The transcriptional response of third instar Drosophila larvae to food laced with caffeine, pyrethrum oil or neem oil was assessed using Agilent 4x44K printed microarrays.  Among the most notable responsive genes were those belonging to cytochrome P450 and Ecdysone-like kinase gene families.

Methods

Drosophila melanogaster from the genome reference line (y; cn bw sp Bloomington ID 2057) were raised on agar/semolina food and set to lay on grape juice laying plates with live yeast for 6 hours. Embryos were washed of yeast and placed on 2x agar following the protocol of Willoughby et al. 2006 (https://doi.org/10.1016/j.ibmb.2006.09.004). The resulting larvae were allowed to develop at 25C under constant light for 4.5 days and transferred to 2x agar laced with neme oil (5 mg/mL from Neemoil Australia Imports), pyrethrum oil (5mg/mL Botanical Resources Australia), caffeine (1.5mg/mL from Sigma) or onto untreated control plates for four hours. Larvae were snap frozen in liquid nitrogen, ground in a mixer-mill at 25kHz for 5 minutes and RNA extracted with TriSure (Bioline cat no. BIO-38032). Purified mRNA re-suspended in water were sent to the Australian Genome Research Facility who reverse transcribed into cDNA, labelled it with Cy3 or Cy5 and hybridized to Agilient 4x44k gene expression microarrays (018972 Oligo microarray version 1, 4x44k, G2519; https://doi.org/10.1016/S0076-6879(06)10002-6 ). Two arrays were used (Barcodes: 251897210115 and 251897210116), to provide a degree of technical replication. A pool of random RNA was prepared by mixing RNA from all four chemical stress conditions (Control, Neem, Caffeine and Pyrethrum). This pool was created to ensure that each transcript in each sample would have to compete with a differently dyed RNA transcript from the pool to hybridise with its microarray probe. This competitive hybridisation approach compensates for differing affinities between the probes and their RNA transcripts.
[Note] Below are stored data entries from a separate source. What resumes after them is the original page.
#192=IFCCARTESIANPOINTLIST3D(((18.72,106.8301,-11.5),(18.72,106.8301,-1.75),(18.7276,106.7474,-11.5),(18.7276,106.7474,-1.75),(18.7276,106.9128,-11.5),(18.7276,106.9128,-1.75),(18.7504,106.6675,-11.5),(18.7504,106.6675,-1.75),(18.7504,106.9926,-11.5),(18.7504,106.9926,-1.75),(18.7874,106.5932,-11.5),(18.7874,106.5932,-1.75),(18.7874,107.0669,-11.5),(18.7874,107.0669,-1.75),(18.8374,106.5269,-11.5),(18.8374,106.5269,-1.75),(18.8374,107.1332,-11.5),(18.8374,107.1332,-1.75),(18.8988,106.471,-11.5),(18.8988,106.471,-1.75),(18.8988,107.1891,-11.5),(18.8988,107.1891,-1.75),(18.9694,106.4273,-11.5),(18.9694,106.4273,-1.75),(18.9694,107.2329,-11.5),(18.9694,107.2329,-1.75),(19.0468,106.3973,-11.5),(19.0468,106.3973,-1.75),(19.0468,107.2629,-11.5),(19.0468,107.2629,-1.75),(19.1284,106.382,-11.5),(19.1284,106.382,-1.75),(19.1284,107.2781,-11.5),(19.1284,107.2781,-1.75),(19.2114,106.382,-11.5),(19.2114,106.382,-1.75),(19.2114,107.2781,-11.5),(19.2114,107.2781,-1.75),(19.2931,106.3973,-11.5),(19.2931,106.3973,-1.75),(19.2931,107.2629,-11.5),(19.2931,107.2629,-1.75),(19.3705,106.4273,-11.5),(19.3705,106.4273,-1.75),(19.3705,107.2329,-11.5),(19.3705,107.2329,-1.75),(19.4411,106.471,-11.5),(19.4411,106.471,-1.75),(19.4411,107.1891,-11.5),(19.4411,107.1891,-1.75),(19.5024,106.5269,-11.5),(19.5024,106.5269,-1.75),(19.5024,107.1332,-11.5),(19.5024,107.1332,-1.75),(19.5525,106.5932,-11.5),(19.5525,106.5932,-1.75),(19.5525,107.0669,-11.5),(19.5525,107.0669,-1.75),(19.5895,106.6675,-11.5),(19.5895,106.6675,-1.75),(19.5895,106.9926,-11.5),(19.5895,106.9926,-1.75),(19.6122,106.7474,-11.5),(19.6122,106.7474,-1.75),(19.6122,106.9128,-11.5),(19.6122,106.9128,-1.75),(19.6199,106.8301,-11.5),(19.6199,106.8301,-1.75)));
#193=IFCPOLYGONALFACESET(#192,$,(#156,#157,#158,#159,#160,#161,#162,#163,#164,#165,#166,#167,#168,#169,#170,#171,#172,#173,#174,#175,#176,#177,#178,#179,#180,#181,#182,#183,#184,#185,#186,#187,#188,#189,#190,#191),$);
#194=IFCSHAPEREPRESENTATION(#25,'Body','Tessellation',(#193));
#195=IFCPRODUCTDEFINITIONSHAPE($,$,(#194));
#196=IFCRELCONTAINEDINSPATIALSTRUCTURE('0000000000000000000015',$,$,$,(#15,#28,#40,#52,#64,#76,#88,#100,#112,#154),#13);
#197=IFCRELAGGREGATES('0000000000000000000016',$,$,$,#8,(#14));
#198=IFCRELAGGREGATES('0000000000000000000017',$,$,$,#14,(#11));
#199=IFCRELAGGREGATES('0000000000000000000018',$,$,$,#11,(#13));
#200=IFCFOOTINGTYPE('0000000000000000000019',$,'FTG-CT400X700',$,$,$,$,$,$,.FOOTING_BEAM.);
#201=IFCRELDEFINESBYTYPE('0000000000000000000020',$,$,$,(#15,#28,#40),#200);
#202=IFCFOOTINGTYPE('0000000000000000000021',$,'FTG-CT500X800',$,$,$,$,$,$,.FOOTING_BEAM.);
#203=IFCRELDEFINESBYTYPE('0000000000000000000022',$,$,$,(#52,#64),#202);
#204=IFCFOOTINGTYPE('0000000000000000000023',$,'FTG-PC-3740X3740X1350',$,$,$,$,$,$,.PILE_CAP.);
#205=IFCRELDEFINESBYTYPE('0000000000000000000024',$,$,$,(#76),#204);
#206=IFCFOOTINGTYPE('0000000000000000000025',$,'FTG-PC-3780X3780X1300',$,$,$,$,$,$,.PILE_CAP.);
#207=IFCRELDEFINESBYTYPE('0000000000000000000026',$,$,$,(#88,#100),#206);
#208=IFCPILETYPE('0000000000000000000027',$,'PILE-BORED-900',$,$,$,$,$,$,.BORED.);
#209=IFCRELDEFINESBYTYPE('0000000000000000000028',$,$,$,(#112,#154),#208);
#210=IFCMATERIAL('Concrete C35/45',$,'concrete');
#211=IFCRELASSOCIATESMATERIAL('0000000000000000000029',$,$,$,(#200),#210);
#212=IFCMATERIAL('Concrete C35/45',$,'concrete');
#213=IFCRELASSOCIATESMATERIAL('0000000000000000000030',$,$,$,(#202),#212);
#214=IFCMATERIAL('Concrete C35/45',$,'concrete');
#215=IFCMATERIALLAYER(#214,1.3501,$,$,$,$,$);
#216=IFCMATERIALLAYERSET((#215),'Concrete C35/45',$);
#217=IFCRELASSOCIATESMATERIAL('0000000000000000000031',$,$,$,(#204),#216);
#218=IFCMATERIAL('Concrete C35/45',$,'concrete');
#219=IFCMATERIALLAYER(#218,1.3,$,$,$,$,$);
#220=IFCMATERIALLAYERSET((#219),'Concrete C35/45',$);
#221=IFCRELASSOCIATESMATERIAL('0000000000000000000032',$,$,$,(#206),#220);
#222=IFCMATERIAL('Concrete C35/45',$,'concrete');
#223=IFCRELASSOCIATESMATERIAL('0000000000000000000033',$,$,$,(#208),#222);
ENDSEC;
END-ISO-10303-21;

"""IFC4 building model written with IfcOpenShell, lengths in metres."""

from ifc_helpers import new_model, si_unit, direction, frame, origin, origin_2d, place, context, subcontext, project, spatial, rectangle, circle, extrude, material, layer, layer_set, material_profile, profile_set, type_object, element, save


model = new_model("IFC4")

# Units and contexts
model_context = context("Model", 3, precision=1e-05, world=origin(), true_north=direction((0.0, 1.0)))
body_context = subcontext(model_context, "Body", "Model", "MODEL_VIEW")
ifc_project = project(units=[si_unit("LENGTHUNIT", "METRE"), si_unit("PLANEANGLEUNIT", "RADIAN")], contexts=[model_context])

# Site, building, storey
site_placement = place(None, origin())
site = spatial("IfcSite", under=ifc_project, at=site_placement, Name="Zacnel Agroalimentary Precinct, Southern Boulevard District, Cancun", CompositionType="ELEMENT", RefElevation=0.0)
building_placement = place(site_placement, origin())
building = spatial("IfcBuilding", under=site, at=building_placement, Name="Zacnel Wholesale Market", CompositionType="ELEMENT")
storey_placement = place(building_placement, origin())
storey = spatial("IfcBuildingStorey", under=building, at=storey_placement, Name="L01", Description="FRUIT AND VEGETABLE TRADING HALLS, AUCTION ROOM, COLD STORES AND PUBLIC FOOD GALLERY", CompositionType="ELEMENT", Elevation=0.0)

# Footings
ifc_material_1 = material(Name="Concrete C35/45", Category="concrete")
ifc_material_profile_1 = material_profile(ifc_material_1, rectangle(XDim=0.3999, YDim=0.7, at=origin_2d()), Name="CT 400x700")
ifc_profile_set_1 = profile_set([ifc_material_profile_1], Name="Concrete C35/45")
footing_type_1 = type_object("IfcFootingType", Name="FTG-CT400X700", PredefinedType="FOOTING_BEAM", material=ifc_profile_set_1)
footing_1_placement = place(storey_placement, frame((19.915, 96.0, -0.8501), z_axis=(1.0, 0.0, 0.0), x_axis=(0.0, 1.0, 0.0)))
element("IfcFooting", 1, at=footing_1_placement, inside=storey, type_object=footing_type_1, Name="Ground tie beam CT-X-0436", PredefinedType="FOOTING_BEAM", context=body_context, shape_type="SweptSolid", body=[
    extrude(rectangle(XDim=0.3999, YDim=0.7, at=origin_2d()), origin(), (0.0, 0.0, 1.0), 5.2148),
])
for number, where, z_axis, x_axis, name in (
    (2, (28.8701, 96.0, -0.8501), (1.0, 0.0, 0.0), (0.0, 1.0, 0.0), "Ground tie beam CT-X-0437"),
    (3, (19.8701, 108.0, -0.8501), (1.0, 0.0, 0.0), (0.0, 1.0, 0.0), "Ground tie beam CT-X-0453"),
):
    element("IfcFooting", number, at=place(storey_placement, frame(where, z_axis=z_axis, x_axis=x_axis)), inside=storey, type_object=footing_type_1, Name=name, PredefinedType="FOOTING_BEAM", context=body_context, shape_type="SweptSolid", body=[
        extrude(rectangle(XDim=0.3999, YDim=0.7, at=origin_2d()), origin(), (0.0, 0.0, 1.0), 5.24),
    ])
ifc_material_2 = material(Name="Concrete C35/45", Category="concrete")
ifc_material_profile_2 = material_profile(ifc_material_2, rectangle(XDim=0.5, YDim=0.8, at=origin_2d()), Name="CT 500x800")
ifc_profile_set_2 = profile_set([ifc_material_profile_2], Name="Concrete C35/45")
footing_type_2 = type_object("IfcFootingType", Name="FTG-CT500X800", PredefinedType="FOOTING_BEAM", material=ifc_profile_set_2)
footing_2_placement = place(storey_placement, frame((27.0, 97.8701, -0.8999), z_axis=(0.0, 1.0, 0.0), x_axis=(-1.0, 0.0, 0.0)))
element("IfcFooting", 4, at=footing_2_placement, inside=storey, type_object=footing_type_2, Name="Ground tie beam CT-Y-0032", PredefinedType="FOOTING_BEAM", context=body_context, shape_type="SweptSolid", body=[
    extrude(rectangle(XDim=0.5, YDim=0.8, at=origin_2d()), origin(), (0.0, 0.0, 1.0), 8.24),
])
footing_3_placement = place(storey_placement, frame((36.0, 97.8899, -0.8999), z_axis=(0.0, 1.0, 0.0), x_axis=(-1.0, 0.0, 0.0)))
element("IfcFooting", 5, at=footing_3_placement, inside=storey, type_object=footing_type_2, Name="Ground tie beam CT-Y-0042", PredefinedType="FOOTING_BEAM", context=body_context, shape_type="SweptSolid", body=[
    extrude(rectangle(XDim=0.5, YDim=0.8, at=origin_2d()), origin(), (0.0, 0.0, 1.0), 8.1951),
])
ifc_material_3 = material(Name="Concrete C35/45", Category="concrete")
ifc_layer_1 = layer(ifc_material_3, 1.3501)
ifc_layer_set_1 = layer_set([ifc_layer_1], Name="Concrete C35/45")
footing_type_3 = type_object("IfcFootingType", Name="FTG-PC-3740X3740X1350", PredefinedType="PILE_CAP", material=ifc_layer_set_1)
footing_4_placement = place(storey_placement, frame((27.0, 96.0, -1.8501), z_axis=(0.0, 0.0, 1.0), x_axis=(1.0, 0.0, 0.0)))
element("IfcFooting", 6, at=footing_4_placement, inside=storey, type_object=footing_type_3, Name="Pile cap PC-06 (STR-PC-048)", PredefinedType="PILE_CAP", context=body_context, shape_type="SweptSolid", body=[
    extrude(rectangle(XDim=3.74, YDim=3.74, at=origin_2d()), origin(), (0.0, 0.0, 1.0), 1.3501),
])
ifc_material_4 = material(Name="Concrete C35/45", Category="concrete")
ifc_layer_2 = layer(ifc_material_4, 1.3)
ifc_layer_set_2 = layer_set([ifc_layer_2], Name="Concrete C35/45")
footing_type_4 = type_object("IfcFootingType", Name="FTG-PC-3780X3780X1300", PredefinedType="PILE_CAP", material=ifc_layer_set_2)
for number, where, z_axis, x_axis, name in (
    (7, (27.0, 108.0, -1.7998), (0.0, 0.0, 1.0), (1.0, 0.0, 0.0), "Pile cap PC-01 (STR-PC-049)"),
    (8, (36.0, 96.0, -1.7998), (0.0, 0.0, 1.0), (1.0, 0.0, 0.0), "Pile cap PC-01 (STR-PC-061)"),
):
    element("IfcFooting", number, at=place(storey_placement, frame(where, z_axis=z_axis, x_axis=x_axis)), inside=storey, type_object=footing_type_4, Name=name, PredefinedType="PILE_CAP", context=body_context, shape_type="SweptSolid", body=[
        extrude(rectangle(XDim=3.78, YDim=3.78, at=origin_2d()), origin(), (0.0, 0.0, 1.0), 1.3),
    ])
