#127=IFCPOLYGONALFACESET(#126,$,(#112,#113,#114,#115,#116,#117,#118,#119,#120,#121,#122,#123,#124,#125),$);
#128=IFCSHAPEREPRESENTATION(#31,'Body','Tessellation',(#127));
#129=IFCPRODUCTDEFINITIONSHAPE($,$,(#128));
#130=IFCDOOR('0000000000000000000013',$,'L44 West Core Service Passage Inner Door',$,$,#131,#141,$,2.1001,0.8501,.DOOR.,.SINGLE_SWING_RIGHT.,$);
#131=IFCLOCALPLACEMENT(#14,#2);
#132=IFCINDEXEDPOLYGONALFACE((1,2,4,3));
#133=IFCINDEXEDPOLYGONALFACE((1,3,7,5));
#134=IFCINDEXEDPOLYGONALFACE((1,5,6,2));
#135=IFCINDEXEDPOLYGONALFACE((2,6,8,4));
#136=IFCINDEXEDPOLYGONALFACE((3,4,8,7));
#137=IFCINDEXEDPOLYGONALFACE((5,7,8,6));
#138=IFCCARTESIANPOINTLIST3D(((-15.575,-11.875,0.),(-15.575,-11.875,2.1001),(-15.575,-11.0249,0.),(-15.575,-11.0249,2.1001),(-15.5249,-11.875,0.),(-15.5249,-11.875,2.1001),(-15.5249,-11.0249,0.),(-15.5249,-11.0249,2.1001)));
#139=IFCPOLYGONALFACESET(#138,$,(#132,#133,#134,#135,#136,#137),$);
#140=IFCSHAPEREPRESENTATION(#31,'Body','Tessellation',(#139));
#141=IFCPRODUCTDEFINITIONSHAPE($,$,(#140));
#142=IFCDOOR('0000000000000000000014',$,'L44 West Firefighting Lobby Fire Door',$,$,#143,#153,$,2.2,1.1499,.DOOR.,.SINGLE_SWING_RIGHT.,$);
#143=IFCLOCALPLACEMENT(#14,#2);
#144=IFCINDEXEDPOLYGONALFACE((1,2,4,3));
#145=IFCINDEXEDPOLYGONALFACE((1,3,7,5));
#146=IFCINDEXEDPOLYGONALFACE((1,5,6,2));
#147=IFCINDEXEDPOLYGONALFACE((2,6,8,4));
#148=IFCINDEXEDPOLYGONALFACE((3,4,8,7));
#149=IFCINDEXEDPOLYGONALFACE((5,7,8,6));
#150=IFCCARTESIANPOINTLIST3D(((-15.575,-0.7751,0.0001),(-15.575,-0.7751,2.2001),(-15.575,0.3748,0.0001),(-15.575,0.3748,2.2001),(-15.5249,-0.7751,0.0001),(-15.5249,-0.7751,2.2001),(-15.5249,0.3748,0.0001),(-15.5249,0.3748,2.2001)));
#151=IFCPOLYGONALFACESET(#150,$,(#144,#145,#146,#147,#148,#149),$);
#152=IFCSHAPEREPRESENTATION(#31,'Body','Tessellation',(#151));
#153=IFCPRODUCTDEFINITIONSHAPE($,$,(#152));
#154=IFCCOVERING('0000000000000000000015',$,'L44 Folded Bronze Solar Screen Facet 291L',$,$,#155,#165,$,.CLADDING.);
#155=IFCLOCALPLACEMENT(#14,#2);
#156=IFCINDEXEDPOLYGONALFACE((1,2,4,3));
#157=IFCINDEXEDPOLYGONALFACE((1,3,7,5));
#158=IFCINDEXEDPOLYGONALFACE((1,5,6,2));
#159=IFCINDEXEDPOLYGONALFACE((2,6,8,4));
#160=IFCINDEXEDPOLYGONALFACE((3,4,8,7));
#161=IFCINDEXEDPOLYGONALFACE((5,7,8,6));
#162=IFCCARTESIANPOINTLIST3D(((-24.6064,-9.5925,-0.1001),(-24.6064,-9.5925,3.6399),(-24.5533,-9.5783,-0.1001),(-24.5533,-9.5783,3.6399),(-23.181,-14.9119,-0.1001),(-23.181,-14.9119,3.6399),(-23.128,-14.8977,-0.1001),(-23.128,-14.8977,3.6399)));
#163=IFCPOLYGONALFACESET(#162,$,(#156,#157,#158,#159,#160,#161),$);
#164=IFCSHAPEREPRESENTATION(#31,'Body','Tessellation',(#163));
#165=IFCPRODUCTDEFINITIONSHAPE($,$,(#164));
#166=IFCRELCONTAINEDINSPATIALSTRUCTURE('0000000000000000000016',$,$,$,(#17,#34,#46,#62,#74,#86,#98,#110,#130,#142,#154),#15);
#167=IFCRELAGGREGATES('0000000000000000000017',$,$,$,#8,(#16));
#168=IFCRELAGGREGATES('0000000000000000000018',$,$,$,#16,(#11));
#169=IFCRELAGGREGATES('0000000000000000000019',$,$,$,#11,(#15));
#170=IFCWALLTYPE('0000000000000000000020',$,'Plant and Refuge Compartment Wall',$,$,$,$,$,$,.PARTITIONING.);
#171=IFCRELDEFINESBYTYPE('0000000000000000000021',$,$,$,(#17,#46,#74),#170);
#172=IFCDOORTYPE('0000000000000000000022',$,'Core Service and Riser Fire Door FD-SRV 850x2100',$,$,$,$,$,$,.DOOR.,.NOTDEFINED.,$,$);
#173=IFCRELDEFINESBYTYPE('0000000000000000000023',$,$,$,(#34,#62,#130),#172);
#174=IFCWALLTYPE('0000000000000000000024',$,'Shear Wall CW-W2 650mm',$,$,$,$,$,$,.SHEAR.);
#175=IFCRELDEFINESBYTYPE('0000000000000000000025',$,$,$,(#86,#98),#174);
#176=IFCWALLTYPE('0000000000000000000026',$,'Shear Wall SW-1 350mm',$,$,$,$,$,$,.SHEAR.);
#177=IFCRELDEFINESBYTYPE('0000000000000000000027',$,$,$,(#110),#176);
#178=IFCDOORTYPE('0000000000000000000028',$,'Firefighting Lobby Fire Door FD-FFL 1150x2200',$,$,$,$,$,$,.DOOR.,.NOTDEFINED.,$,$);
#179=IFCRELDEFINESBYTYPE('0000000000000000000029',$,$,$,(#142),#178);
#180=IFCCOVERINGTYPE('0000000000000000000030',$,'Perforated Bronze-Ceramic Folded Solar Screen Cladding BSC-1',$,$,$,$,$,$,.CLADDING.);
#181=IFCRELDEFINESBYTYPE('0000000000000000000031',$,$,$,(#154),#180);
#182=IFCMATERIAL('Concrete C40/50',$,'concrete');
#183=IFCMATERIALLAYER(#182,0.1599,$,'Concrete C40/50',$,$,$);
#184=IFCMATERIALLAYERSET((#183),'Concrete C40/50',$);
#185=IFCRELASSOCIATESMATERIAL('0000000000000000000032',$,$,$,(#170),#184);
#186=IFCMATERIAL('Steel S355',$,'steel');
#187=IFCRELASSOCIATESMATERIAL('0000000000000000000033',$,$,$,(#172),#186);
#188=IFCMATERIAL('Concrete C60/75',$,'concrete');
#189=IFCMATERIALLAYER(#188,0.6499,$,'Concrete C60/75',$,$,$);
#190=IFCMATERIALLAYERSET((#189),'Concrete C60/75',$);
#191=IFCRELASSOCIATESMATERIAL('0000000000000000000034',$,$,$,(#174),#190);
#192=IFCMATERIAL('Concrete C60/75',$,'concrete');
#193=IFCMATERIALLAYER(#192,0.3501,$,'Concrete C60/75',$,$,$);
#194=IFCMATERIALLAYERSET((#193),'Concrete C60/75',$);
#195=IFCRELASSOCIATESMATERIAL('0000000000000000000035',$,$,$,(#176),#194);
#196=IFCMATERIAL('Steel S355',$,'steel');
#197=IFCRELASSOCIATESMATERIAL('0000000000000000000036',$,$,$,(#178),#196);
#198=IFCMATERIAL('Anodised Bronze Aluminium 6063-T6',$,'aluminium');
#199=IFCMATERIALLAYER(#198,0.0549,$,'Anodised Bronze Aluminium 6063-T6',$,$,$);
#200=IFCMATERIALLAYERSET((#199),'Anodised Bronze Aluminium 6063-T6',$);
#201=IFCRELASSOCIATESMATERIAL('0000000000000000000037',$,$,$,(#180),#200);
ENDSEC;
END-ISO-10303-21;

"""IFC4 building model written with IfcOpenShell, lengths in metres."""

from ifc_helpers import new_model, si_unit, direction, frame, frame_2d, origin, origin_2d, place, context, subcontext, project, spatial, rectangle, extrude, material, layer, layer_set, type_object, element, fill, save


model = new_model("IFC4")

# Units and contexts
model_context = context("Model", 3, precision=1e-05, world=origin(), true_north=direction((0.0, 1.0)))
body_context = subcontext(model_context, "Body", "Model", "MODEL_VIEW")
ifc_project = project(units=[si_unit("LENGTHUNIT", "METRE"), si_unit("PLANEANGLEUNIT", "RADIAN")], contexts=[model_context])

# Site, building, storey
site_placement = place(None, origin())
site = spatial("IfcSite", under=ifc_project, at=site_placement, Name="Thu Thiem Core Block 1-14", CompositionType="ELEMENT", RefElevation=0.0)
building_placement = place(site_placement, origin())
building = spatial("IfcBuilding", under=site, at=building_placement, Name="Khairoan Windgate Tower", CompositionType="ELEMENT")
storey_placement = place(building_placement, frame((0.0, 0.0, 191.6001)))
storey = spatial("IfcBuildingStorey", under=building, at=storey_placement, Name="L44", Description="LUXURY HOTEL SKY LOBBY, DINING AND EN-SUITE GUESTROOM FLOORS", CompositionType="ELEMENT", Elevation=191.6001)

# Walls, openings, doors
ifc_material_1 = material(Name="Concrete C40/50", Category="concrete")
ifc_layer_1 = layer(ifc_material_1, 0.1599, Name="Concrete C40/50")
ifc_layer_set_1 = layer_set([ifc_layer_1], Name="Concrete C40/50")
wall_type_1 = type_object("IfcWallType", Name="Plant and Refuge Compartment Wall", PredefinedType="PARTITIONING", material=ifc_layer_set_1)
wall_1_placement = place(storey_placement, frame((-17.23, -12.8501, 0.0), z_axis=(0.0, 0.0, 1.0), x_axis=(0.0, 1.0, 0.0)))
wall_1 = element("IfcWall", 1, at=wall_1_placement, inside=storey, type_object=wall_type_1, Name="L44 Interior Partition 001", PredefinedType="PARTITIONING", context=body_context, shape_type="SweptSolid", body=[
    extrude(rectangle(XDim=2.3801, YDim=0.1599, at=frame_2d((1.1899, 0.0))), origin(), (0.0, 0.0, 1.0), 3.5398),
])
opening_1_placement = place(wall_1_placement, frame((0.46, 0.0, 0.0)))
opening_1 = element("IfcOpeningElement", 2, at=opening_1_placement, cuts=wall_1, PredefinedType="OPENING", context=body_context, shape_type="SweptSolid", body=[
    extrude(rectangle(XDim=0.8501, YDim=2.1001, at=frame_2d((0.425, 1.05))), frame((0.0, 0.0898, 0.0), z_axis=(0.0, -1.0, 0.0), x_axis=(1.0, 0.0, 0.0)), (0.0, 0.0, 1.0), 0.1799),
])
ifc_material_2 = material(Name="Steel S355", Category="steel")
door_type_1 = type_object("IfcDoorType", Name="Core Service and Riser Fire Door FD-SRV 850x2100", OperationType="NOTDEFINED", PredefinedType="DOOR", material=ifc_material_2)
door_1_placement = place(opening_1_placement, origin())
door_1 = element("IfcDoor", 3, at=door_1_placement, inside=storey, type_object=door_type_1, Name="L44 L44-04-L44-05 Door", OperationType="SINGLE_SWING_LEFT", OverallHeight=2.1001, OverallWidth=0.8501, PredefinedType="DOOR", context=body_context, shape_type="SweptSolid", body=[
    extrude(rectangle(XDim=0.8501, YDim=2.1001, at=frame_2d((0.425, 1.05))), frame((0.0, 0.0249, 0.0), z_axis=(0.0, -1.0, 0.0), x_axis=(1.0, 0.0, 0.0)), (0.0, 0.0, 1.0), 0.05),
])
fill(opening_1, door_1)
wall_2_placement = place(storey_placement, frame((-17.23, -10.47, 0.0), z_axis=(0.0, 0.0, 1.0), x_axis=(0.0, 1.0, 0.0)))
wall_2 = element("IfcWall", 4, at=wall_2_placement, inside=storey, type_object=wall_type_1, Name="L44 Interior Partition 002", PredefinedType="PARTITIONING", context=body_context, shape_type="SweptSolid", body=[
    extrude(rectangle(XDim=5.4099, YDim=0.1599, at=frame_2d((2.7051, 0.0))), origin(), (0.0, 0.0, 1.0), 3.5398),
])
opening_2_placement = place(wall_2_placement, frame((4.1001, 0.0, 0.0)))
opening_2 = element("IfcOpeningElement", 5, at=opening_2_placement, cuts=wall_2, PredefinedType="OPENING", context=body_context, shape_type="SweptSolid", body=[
slide Dye Gasket 1 Gasket 2 Gasket 3 Gasket 4
1 Cy5 Control Caffeine Pyrethrum Oil Neem Oil
1 Cy3 Pool Pool Pool Pool
2 Cy5 Pool Pool Pool Pool
2 Cy3 Pyrethrum Oil Caffeine Control Neem Oil

The Limma library (Smyth 2005 limma: Linear Models for Microarray Data: https://link.springer.com/chapter/10.1007/0-387-29362-0_23 ) was used in an R script to normalize the arrays.

Usage Notes

The arrays were originally intended to be set up as technical replicates with the gasket order mirrored; the pool RNA in all gaskets labeled with Cy5 dye and the sample RNA labeled with Cy3. Due to a misunderstanding, the arrays were dye swapped and the gasket order randomised. This means that the gasket and dye effects for the Control and Pyrethrum groups are confounded. Initially the unwanted dye swap was thought to be a concern, but examination of the quality data for the arrays showed that there was very little dye effect for the non-confounded samples Caffeine and Neem. Therefore the unwanted dye swap does not appear to adversely affect the dye effect in the dye/array confounded Control or Pyrethrum groups either.